One chat led to another, and Lynn shared some great stories about her illustrious sailing adventures. She met her first husband at a Latitude Crew List Party in 1980. In 1994 she attended her second Crew List Party at Golden Gate Yacht Club (we’re pretty sure) where she met a nice sailor who invited her to crew on a Westsail 42 named Synergy.
But around midnight of the their first day out of San Diego, Synergy t-boned a Hunter 40 and ended her maiden Ha-Ha voyage. Undaunted, Lynn made her way onto another boat and ended up in Cabo. That’s where she met Jack, who was apparently waiting for Lynn before following his sailing dreams.
Lynn and Jack continue to sail all over the world on their two boats.
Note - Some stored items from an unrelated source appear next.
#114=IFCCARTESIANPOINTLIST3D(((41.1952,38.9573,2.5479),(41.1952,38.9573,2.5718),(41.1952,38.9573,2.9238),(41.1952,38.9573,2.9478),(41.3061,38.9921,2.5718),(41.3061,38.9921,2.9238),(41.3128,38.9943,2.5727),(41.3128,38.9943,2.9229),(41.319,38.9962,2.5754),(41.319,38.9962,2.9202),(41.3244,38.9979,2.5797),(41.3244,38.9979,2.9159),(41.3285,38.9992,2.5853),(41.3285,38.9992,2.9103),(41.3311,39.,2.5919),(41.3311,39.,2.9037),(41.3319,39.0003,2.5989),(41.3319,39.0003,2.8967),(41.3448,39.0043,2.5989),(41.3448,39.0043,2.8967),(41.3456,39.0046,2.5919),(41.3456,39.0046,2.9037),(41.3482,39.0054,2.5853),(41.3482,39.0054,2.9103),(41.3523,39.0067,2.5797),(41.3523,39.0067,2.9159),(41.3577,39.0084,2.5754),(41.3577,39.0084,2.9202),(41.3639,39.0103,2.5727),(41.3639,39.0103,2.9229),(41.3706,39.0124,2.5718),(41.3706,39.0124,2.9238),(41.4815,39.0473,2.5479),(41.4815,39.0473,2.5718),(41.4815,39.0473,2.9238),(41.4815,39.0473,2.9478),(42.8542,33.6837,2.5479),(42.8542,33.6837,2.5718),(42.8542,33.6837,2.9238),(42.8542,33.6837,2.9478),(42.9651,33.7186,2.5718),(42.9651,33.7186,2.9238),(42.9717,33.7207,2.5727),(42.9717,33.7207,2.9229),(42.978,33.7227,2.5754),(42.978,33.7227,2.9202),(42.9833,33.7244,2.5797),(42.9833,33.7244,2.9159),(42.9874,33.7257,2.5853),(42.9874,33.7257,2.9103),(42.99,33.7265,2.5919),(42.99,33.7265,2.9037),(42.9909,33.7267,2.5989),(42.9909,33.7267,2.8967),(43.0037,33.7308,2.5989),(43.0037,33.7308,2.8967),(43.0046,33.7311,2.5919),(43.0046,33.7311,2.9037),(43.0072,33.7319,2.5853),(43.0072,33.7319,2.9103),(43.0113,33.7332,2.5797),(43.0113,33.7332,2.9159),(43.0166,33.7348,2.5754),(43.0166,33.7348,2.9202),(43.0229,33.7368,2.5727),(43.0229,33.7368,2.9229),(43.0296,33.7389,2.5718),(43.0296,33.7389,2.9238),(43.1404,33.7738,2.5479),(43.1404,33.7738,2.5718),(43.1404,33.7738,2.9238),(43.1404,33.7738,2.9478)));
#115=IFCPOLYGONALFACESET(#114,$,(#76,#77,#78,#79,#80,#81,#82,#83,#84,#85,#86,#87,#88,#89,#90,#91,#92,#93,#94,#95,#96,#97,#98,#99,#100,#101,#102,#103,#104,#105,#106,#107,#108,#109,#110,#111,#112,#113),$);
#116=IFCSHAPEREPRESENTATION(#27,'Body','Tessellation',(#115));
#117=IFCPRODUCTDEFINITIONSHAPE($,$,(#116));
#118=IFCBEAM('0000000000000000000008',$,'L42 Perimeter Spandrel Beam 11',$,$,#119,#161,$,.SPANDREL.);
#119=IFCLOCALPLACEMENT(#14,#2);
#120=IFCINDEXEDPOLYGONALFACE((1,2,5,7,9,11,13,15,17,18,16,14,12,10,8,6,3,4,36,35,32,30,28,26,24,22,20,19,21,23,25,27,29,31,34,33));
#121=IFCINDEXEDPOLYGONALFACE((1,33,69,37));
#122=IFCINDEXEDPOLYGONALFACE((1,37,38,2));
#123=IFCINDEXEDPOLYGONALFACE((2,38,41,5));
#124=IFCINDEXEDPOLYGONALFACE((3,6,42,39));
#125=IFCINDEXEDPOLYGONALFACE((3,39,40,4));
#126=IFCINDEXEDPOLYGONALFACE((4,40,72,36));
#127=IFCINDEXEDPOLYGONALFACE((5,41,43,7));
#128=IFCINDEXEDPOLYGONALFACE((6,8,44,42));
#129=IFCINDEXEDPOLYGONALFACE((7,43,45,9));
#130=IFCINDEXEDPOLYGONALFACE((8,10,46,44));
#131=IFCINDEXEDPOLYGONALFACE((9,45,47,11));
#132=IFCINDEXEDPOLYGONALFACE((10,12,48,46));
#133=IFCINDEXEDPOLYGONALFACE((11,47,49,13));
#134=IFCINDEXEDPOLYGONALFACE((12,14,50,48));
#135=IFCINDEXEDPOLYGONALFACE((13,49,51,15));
They own a Catalac 40 built by English catamaran guru Tom Lack (Cat-a-Lac, get it?), and one of their many voyages included doing the Great Loop. When they’re not sailing, the couple is cruising the canals of Europe on their Dutch-built DeGroot cruiser.
Lynn hadn’t seen the Wanderer since the ’94 Ha-Ha but they crossed paths in a lock on some charming canal surrounded by bucolic countryside between some fairytale European villages.
We definitely suggest going to a Crew List Party. You just might find that not everything is hyperbole.